Also, except for windows 3.0 apps, nobody ever called things like
SetWindowText themselves.

Persistence, and the lack of options to turn it off is one the of major pain
points with the web as a platform. Even canvas is persistent, which makes no
sense at all to me.

And for me at least, there's two huge differences. On windows, very big apps
could work together and be open a dozen at a time. A dozen of single-page-app
tabs will, on the other hand, slow my Xeon-backed chrome to a crawl. Secondly,
I have never seen any webapps that approach the complexity of normal windows
apps. The most complex web apps currently are things like Google Docs, and the
average is something like a webform. How many years of the web platform do we
need to conclude that it has found some way to prevent feature-full
applications from being written ?

I've developed plenty of applications for both windows desktop and for the
web, and it's pretty clear to me: the web enforces extremely complex methods
of doing things. Markup, javascript, RPC (can be HTTP), other language,
another data language is the default layer. Adding a single field to a single
record type requires knowing HTML, JavaScript, HTTP (how to use HTTP and
encode stuff in it), and then backend language (let's say Java), then SQL. ALL
of them need to be modified to just modify a record type.
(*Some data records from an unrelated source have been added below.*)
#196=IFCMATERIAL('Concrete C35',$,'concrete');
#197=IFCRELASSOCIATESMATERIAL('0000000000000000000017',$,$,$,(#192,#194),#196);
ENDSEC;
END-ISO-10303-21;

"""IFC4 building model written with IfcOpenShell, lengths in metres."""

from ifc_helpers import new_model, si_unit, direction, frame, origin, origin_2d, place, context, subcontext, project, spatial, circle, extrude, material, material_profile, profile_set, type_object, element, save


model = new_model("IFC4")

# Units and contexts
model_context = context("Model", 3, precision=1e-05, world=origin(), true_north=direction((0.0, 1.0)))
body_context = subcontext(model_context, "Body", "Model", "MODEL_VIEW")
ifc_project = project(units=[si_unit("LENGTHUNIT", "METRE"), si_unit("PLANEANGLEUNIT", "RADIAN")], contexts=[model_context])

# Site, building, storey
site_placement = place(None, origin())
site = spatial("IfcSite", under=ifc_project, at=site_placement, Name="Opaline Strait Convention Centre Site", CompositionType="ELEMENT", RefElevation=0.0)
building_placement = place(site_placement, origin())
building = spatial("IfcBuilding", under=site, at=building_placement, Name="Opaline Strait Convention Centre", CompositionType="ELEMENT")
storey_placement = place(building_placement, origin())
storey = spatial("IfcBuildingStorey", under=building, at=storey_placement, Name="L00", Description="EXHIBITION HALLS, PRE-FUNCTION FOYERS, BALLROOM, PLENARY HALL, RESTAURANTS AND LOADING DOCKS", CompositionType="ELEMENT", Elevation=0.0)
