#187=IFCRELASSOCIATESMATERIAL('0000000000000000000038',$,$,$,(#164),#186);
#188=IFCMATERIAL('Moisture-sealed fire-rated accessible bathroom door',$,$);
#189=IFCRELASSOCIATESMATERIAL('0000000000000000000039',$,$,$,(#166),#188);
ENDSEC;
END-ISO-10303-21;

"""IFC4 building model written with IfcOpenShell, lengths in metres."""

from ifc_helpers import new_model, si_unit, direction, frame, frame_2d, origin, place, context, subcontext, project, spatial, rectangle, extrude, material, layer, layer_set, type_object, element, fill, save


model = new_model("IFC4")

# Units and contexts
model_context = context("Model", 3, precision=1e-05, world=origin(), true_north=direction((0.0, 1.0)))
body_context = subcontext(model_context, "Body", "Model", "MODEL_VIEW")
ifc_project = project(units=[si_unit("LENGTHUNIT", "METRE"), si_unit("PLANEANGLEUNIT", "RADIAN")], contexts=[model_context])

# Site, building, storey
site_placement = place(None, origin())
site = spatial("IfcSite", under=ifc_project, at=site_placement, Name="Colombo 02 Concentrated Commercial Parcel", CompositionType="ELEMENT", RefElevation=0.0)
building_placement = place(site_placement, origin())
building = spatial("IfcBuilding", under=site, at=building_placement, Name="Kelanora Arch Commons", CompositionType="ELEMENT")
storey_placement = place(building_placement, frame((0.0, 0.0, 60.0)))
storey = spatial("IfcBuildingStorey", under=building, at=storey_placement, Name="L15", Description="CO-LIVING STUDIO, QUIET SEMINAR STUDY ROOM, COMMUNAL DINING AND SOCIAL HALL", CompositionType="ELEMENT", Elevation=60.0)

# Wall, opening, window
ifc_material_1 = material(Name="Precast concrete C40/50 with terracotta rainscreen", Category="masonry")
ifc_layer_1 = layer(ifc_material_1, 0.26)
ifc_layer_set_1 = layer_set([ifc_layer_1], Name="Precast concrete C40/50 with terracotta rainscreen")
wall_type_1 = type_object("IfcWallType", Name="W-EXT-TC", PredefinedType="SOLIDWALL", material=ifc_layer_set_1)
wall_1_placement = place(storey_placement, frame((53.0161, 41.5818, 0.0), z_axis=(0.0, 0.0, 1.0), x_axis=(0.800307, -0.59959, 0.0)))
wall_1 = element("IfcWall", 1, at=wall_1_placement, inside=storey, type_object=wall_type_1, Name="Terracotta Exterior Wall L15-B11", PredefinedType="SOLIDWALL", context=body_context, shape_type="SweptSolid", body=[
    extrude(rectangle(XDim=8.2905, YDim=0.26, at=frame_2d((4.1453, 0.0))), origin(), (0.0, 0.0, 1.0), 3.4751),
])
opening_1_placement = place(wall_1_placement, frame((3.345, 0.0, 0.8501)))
The web is extremely lacking in performance, and is far, far more complex than
it needs to be.

"Worse is better" ... Indeed.

------
gregmac
In short: because the web is inherently stateless and it's much harder to deal
with than stateful UIs.

I last used Delphi back around the turn of the century, so I'm remembering it
as a drag-and-drop Windows UI framework/builder. ASP.NET WebForms is the most
similar thing I've used (and it's been at least 5 or 6 years since I last
really used it). I would not recommend investing a lot of time in it.

WebForms is great when you are starting. It is drag-and-drop, with 'controls'
like text boxes, drop-downs, check boxes, grids, labels and pictures, and
there are a ton of 3rd party control toolkits.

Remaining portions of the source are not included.